We are migrating and refactoring some services to AWS and need to verify the accounting information matches the legacy system before we switch over. We do call tracking/analytics and effectively have a stream of call metadata coming into a SNS/SQS processing system. We want to temporarily write the output someplace to compare against the legacy system and identify any discrepancies. This is throw away work, so we want to keep it simple/cheap.

Kinesis to Redshift, using the new Streaming Ingestion is one way to do this. The engineer in me likes this way. However, the simplest thing I can think of is to create an S3 bucket and create 1 file per event (call), and ingest to Redshift from there. Neither option will be expensive at our usage levels, but S3 is very, very inexpensive.

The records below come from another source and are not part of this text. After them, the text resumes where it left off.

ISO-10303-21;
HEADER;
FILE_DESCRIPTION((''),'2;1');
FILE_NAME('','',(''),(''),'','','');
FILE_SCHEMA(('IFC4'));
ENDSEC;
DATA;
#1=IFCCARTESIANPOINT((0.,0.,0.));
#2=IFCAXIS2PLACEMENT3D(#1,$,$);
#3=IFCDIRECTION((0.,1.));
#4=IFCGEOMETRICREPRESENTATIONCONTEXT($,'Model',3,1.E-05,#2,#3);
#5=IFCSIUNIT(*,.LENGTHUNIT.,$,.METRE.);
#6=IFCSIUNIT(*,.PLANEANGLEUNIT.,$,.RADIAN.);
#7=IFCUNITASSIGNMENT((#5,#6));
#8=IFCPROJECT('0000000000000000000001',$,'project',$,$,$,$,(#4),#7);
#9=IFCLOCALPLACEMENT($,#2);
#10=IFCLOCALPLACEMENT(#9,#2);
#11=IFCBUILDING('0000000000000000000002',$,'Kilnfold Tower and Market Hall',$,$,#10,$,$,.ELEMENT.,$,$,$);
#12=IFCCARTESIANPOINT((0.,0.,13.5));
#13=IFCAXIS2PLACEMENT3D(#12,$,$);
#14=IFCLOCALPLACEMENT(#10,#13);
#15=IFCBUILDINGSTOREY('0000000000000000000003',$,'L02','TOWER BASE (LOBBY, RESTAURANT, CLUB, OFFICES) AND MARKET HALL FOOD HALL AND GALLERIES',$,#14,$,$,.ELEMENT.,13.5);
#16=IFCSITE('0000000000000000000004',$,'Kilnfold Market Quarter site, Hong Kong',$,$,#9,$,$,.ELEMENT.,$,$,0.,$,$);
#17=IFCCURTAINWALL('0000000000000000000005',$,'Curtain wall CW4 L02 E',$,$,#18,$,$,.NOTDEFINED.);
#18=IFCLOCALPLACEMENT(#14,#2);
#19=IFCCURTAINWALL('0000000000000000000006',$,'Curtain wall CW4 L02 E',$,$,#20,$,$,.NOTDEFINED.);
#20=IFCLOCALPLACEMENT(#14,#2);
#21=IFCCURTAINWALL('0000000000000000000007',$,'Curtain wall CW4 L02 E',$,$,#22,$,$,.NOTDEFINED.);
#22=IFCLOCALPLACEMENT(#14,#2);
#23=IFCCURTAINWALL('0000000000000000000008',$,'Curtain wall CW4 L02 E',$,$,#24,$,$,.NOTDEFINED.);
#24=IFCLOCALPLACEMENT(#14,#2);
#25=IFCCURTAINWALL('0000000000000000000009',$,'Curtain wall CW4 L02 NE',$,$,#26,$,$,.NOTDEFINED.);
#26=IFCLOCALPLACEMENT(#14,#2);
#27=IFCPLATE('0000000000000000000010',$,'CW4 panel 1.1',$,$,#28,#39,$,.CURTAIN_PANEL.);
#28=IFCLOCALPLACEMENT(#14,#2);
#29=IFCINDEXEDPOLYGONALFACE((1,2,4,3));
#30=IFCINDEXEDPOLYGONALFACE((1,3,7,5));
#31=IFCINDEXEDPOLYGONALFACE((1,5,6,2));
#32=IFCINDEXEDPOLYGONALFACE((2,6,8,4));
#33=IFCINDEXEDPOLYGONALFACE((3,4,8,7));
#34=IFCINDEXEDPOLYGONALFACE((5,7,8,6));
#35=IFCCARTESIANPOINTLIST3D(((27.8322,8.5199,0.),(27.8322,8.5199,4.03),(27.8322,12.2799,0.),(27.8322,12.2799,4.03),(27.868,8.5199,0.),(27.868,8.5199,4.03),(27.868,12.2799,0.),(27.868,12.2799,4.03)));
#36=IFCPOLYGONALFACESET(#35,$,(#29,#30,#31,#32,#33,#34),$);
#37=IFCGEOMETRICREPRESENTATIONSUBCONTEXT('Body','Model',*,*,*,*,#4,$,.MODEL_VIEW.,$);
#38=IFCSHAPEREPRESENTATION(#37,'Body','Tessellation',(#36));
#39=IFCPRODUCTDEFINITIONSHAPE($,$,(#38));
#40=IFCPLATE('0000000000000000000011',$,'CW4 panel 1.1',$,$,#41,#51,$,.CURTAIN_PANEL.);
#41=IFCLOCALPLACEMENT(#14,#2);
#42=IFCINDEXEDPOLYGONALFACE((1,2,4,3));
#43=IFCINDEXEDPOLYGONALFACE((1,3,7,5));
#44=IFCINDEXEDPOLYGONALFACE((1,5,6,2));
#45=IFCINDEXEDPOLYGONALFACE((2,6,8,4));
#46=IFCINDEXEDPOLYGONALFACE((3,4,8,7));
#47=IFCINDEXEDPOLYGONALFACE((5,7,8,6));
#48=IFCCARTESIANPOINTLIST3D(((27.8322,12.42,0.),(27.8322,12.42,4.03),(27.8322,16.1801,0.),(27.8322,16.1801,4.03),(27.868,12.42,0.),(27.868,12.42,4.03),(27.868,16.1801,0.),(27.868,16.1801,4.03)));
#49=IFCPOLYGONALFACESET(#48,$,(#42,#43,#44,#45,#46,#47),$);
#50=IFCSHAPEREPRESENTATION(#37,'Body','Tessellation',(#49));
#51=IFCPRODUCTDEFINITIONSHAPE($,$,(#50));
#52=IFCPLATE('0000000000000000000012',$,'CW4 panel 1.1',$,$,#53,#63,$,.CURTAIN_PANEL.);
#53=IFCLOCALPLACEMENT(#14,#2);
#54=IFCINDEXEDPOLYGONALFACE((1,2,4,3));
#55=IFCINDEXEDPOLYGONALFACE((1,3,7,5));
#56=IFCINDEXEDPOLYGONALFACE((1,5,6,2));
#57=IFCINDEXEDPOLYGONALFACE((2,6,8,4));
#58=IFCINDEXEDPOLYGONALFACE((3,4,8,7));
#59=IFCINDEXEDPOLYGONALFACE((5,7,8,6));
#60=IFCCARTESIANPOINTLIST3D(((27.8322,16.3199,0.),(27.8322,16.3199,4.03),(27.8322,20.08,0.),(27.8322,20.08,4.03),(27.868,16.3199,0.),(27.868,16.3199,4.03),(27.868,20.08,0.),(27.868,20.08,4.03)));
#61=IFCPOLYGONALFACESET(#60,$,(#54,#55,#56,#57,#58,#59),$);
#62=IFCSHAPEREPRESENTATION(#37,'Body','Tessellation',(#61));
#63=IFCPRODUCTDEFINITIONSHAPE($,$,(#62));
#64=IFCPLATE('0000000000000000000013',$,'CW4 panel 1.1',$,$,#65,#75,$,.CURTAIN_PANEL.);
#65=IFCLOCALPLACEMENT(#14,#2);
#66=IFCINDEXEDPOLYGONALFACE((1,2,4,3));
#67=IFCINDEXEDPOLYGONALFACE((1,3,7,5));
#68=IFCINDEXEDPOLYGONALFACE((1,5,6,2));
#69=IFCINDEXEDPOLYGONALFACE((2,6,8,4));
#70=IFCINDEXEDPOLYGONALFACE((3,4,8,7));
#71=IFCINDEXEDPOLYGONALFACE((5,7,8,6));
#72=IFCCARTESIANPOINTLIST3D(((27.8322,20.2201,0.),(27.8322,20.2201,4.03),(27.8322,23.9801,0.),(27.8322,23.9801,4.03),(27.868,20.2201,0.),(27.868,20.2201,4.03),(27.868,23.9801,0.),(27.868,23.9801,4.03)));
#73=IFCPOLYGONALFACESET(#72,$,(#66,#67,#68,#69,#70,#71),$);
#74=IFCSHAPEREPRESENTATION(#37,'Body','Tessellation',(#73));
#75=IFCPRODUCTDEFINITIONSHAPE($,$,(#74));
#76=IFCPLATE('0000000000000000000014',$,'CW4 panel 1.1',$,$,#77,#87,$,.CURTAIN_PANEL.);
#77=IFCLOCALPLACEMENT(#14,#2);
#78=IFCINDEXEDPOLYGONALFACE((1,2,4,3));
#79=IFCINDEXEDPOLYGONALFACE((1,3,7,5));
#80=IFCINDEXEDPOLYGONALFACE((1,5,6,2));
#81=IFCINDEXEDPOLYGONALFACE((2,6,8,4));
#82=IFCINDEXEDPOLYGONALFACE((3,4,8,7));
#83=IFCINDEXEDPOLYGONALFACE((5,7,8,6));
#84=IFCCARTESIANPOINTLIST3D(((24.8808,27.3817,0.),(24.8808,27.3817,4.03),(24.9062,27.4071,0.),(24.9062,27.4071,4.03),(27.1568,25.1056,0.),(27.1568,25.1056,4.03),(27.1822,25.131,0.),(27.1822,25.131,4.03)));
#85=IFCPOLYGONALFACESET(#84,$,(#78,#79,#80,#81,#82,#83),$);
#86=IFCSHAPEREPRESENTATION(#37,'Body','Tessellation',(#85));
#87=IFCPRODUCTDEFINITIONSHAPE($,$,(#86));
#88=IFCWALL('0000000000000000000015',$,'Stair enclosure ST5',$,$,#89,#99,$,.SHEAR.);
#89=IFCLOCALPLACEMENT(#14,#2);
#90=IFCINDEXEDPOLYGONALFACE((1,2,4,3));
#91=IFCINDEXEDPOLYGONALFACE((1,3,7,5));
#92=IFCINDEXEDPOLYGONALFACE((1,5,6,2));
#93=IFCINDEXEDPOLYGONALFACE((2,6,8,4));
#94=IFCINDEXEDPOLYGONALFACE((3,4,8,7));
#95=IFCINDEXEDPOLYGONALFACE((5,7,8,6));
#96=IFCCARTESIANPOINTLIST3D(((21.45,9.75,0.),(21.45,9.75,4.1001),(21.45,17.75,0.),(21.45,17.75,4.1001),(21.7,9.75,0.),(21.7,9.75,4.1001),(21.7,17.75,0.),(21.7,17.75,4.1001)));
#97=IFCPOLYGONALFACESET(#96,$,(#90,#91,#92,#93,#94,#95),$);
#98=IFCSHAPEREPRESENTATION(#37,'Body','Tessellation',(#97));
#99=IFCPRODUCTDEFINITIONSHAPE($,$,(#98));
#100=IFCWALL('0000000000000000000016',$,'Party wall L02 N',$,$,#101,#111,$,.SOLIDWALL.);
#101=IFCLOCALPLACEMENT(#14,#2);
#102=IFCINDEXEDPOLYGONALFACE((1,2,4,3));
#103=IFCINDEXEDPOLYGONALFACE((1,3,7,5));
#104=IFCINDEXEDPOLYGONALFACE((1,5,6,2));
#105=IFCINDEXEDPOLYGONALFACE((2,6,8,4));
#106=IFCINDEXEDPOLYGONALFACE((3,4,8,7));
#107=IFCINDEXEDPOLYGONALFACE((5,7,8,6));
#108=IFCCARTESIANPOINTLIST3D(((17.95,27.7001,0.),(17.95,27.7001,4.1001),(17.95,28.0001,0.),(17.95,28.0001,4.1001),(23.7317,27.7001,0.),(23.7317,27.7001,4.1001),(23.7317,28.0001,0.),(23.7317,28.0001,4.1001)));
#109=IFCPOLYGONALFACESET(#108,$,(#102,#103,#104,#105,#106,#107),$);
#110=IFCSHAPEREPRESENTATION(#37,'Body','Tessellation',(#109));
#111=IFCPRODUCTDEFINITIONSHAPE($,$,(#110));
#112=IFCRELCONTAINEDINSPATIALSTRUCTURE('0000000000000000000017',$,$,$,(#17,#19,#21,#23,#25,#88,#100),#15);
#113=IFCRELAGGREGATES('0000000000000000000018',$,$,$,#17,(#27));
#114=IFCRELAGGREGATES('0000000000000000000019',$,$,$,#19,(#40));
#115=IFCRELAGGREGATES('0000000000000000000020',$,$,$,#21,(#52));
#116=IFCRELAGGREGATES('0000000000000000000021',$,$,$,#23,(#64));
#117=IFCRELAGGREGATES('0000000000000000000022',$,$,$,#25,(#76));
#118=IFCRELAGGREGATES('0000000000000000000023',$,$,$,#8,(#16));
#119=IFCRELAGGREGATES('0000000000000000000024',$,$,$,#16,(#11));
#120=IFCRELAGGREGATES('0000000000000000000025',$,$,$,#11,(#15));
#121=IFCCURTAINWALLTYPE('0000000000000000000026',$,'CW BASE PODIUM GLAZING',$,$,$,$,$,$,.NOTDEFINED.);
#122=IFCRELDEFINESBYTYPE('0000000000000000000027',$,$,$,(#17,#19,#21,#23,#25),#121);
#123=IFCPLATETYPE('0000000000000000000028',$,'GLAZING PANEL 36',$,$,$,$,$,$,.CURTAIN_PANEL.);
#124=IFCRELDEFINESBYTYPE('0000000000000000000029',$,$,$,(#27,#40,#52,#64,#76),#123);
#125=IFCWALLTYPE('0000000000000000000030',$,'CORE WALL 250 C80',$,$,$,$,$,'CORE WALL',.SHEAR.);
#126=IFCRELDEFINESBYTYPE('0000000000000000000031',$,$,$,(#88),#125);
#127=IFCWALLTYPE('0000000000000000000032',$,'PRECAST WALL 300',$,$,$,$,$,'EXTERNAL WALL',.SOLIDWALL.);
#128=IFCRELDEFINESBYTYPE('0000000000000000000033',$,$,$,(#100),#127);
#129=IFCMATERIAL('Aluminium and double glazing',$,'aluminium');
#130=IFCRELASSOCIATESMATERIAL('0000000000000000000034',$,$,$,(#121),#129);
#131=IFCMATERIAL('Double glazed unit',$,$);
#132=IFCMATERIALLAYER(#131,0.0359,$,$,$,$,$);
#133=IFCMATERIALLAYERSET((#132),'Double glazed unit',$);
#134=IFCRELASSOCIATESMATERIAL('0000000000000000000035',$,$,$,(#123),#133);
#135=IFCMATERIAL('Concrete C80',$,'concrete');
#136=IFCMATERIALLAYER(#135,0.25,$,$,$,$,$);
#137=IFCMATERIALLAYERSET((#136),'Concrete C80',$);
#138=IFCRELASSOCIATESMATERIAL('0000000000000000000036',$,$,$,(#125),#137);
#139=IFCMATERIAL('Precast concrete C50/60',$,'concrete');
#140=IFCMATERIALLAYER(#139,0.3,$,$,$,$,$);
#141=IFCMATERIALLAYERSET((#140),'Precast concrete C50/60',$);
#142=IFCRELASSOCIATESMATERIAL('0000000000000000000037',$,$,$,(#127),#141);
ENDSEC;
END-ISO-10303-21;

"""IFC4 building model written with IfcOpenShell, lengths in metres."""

from ifc_helpers import new_model, si_unit, direction, frame, frame_2d, origin, origin_2d, place, context, subcontext, project, spatial, rectangle, extrude, source, transform, mapped, material, layer, layer_set, type_object, element, aggregate, save


model = new_model("IFC4")

# Units and contexts
model_context = context("Model", 3, precision=1e-05, world=origin(), true_north=direction((0.0, 1.0)))
body_context = subcontext(model_context, "Body", "Model", "MODEL_VIEW")
ifc_project = project(units=[si_unit("LENGTHUNIT", "METRE"), si_unit("PLANEANGLEUNIT", "RADIAN")], contexts=[model_context])

# Site, building, storey
site_placement = place(None, origin())
site = spatial("IfcSite", under=ifc_project, at=site_placement, Name="Kilnfold Market Quarter site, Hong Kong", CompositionType="ELEMENT", RefElevation=0.0)
building_placement = place(site_placement, origin())
building = spatial("IfcBuilding", under=site, at=building_placement, Name="Kilnfold Tower and Market Hall", CompositionType="ELEMENT")
storey_placement = place(building_placement, frame((0.0, 0.0, 13.5)))
storey = spatial("IfcBuildingStorey", under=building, at=storey_placement, Name="L02", Description="TOWER BASE (LOBBY, RESTAURANT, CLUB, OFFICES) AND MARKET HALL FOOD HALL AND GALLERIES", CompositionType="ELEMENT", Elevation=13.5)

# Curtain wall
ifc_material_1 = material(Name="Aluminium and double glazing", Category="aluminium")
curtain_wall_type = type_object("IfcCurtainWallType", Name="CW BASE PODIUM GLAZING", PredefinedType="NOTDEFINED", material=ifc_material_1)
curtain_wall_1_placement = place(storey_placement, origin())
curtain_wall_1 = element("IfcCurtainWall", 1, at=curtain_wall_1_placement, inside=storey, type_object=curtain_wall_type, Name="Curtain wall CW4 L02 E", PredefinedType="NOTDEFINED")

# Curtain walls
curtain_wall_2_placement = place(storey_placement, origin())
curtain_wall_2 = element("IfcCurtainWall", 2, at=curtain_wall_2_placement, inside=storey, type_object=curtain_wall_type, Name="Curtain wall CW4 L02 E", PredefinedType="NOTDEFINED")
curtain_wall_3_placement = place(storey_placement, origin())
curtain_wall_3 = element("IfcCurtainWall", 3, at=curtain_wall_3_placement, inside=storey, type_object=curtain_wall_type, Name="Curtain wall CW4 L02 E", PredefinedType="NOTDEFINED")

# Curtain wall
curtain_wall_4_placement = place(storey_placement, origin())
curtain_wall_4 = element("IfcCurtainWall", 4, at=curtain_wall_4_placement, inside=storey, type_object=curtain_wall_type, Name="Curtain wall CW4 L02 E", PredefinedType="NOTDEFINED")

# Curtain wall
curtain_wall_5_placement = place(storey_placement, origin())
curtain_wall_5 = element("IfcCurtainWall", 5, at=curtain_wall_5_placement, inside=storey, type_object=curtain_wall_type, Name="Curtain wall CW4 L02 NE", PredefinedType="NOTDEFINED")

My question is if there is any reason not to have 1 record per S3 file (batching is the typical use case it seems) for ingest to Redshift? We'll generate about 100K records/day, so we're far from big in today's standards.

Cheers! Rich

CodePudding user response:

Yes, don't do this if there is a large amount of data or put differently if you have a very large number of files. And you don't want to wait hours or days for the data to load.

This is due to the nature of S3, an object store. The files (objects) written or read from S3 are in a large cluster of computers w/ storage and the location within this cluster is based on hashing of the bucket and key. This lookup takes on the order of .5 sec to perform (request for data and first bits arriving). Once the data starts to flow it moves at a reasonably high rate.

When you go to load these many, many very small files the majority of time will be taken up by addressing the object with a very small amount of time moving the data. While Redshift can read objects from S3 in parallel this parallelism is limited by the number of slices in the cluster. Moving a few hundred bytes in .5 sec is a bandwidth that harkens back to the 1980s.

To gain the full available bandwidth from S3 the files stored should be at least 100MB and ideally 1GB in size. Then the time to address the object is insignificant wrt the data transfer time. This reality will be true when reading data no matter what tool doing the reading. Writing files isn't an issue since the data is cached before the final location in the S3 cluster is determined.

You will want to combine your records into larger objects in S3.

BTW a single object isn't ideal either as this won't allow for Redshift to read the data in parallel. Parallel reading can speed up the load by a factor equal to the number of slices in the Redshift cluster (2 to few hundred). A meaningful improvement. You can on the other hand have a nearly unlimited number of objects in S3 which can tank just about all load performance.